Tahniah  Hari Jadi Ke-64 Provinsi Riau, 9 Agustus 2021 dan HUT Ke-76 Kemerdekaan RI, 17 Agustus 2021. Semoga cepat bangkit dan bebas dari belenggu pandemi. Dirgahayu Provinsi Riau! Dirgahayu Republik Indonesia!***

 

Macan Dahan Cari Makan ke Desa, Ditangkap dan Diserahkan ke BKSDA

Petugas dan warga mengerangkeng macan dahan untuk dibawa ke BKSDA.

Petugas dan warga mengerangkeng macan dahan untuk dibawa ke BKSDA.

Mita

Rabu, 28 Maret 2018

Kepenuhan - serantauriau.news - Macan Dahan berhasil ditangkap warga Desa Muara Jaya, Kecamatan Kepenuhan, Kabupaten Rohul pada Selasa (27/3/2018).

Usai ditangkap, warga desa melapor ke polisi dan Balai Besar Konsevasi Sumber Daya Alam (BBKSDA) Provinsi Riau. Macan kemudian diserahkan pada BBKSDA.

Kapolres Rokan Hulu AKBP Yusup Rahmanto langsung menyerahkan satu ekor satwa liar jenis macan dahan ini kepada BKSDA. Satwa tersebut diterima oleh Kepala Resort BKSDA Kampar, di halaman Mapolres Rohul, pada Rabu (28/3/2018).

Kapolres Rohul AKBP didampingi Kapolsek Kepenuhan Iptu Yani Marjoni dan Paur Humas, Ipda Nanang Pujiono mengungkapkan, macan dahan berhasil ditangkap oleh masyarakat saat memasuki kawasan pemukiman warga. Tepatnya di ‎rumah milik Namad, sekitar pukul 12.20 WIB.

‎"Kita menduga macan dahan ini datang dari hutan yang sudah dijadikan perkebunan sawit, mungkin mencari makan hingga memasuki pemukiman warga," imbuhnya.

Dijelaskannya, awal mula penangkapan satwa liar ini, Ucok Martin datang ke rumah Namad, dengan tujuan hendak mengambil daun sirih untuk obat. Kemudian, Ucok melihat macan, saat ia sedang duduk di bawah bangku belakang rumah Namad. Lalu ia memanggil Namad.

"Jadi Ucok mengira Bapak Namad ini memelihara harimau. Namun setelah ditanyakan ternyata Pak Namad tidak memeliharanya," terangnya.

Mendengar Ucok, Namad langsung menuju ke samping rumah dan melihat macan dahan tersebut merangkak masuk ke dalam onggokan kayu di samping sebelah kiri rumah. Yakni di kandang ayam. Namad langsung menutup pintu kandang ayam.

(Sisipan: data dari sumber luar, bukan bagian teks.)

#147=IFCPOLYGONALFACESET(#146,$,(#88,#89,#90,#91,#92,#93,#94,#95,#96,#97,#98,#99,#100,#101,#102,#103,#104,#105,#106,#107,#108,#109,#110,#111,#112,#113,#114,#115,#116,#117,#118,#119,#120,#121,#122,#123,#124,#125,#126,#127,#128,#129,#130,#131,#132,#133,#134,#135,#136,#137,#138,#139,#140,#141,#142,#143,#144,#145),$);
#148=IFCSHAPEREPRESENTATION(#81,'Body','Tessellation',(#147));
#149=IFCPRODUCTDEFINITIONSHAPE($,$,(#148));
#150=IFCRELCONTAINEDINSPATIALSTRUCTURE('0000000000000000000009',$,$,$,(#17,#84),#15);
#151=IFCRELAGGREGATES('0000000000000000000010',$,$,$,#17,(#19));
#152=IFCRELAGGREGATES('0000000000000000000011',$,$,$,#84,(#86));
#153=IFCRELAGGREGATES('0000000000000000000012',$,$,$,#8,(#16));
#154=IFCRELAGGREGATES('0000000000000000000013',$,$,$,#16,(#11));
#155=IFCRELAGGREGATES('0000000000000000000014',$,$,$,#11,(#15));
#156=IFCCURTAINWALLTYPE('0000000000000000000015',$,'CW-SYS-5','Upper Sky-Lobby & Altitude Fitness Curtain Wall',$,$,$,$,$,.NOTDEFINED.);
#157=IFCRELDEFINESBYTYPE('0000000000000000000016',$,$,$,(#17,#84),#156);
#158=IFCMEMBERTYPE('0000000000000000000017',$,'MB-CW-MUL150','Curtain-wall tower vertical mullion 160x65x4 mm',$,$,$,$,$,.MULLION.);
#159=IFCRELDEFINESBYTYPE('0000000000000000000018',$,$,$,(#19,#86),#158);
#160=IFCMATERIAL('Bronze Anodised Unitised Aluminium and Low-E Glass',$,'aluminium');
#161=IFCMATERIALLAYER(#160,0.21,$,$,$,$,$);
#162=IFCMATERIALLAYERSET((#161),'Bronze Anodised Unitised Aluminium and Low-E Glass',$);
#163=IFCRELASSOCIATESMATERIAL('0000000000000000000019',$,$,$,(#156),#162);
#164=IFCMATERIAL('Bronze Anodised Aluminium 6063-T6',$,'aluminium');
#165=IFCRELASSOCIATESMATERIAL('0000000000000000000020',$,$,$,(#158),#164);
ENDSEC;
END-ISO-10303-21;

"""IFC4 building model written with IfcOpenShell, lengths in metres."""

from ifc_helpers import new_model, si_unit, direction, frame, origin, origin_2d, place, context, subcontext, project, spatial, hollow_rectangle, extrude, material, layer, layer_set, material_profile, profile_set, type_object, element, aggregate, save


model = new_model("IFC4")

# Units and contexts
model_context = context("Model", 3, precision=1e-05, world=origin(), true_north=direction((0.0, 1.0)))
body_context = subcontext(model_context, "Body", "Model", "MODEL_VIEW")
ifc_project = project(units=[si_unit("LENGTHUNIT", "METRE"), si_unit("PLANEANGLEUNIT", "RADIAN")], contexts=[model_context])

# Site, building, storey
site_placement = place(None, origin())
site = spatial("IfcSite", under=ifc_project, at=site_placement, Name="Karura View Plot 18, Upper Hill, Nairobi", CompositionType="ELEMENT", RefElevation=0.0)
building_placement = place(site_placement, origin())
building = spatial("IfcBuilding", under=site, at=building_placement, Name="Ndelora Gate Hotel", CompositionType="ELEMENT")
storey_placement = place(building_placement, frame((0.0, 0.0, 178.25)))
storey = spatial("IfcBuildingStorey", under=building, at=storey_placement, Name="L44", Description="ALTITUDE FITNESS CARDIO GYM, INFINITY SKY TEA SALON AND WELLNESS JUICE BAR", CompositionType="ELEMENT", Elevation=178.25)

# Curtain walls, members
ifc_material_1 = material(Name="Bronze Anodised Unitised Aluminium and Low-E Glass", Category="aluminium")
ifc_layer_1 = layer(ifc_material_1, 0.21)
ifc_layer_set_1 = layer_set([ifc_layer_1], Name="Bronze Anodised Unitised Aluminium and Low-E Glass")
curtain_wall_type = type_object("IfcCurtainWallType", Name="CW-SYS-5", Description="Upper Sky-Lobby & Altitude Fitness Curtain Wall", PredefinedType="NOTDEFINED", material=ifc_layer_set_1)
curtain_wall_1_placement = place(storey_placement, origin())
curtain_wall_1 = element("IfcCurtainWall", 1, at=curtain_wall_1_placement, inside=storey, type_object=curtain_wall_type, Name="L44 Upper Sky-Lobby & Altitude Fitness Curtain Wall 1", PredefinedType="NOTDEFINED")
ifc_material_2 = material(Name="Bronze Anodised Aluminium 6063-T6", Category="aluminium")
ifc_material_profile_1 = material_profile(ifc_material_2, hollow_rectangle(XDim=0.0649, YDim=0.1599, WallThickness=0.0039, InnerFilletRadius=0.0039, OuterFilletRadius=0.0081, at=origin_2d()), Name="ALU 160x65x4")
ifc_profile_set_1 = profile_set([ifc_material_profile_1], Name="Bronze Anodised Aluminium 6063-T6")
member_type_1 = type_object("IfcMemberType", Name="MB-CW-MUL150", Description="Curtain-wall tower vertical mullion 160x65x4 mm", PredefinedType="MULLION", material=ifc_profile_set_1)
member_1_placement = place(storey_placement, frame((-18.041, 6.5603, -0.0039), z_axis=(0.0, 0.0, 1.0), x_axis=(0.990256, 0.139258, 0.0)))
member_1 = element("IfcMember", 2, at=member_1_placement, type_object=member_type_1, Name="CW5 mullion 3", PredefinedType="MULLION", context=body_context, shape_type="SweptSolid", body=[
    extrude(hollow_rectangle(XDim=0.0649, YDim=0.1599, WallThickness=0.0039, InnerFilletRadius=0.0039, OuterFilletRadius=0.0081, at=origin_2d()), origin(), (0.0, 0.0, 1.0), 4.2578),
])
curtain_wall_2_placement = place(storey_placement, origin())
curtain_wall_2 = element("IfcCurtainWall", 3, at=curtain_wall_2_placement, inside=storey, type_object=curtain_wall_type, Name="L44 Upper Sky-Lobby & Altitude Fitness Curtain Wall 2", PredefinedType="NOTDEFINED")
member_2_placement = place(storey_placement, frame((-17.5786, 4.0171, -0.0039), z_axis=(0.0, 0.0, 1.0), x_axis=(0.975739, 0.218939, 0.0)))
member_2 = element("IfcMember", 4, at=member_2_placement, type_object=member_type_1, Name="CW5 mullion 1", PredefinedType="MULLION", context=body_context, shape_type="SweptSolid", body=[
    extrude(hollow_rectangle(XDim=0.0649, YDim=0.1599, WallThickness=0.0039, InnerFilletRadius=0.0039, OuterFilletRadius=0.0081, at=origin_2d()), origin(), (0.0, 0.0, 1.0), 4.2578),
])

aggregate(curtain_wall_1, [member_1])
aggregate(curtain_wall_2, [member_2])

Setelah mengurung macan dahan di kandang ayam, diberitahu pihak desa dan Bhabinkamtibmas, yang selanjutnya diteruskan ke Kapolsek Kepenuhan.

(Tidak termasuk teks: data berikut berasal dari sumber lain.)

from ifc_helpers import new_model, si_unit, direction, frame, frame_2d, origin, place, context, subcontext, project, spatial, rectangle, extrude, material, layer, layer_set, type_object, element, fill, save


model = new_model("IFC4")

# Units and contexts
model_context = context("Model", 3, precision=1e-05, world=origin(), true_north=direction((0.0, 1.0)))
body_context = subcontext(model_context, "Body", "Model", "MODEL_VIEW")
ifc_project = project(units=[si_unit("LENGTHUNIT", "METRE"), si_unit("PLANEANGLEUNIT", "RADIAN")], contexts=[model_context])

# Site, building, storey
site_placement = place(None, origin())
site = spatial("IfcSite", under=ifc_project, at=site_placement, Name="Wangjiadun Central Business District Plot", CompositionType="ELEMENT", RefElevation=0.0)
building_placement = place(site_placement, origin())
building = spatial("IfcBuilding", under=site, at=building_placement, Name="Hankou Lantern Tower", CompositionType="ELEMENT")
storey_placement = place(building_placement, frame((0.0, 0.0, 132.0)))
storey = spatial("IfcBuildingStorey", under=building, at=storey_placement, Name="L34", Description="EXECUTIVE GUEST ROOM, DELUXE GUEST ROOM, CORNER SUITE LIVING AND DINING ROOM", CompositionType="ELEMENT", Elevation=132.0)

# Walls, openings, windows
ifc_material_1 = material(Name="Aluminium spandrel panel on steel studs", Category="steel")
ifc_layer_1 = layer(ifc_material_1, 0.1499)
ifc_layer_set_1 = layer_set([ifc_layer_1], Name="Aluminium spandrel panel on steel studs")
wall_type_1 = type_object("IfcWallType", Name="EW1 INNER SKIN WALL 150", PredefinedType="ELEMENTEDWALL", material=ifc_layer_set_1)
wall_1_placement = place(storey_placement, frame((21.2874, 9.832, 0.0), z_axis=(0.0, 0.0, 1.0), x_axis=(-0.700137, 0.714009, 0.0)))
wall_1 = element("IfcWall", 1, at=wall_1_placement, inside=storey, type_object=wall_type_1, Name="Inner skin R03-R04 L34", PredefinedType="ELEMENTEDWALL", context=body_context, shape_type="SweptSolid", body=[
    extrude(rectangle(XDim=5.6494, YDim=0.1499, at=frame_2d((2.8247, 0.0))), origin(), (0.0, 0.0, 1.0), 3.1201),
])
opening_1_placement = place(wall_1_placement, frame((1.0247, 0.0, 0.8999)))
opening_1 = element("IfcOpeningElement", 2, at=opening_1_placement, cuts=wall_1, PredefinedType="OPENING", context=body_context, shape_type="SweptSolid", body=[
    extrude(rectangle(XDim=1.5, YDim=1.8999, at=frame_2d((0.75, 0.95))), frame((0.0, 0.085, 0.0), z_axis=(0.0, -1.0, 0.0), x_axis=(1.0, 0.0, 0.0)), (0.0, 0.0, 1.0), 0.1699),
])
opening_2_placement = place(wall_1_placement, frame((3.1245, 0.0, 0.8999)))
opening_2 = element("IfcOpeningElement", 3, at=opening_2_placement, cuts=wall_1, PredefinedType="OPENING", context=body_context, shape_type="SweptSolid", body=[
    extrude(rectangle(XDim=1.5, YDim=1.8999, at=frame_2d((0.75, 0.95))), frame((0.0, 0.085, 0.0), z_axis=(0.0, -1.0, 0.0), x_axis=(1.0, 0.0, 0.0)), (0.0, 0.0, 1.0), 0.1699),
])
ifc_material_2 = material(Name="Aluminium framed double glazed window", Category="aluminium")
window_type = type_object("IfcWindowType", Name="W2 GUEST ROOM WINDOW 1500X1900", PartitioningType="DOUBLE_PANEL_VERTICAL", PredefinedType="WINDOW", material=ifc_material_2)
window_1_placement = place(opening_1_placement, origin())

Mendapat laporan tersebut, Kapolsek Kepenuhan menghubungi petugas BBKSDA Riau, untuk mengambil macan dahan. Sambil menunggu pihak BBKSDA, warga bersama Polsek Kepenuhan membuat kerangkeng dari besi agar mudah mengevakuasi macan.

‎"Pagi ini sudah kita serahkan ke BBKSDA Riau. Kita juga berterima kasih kepada masyarakat yang tidak mengambil tindakan untuk membunuh hewan liar. Walaupun membahayakan masyarakat," ucapnya.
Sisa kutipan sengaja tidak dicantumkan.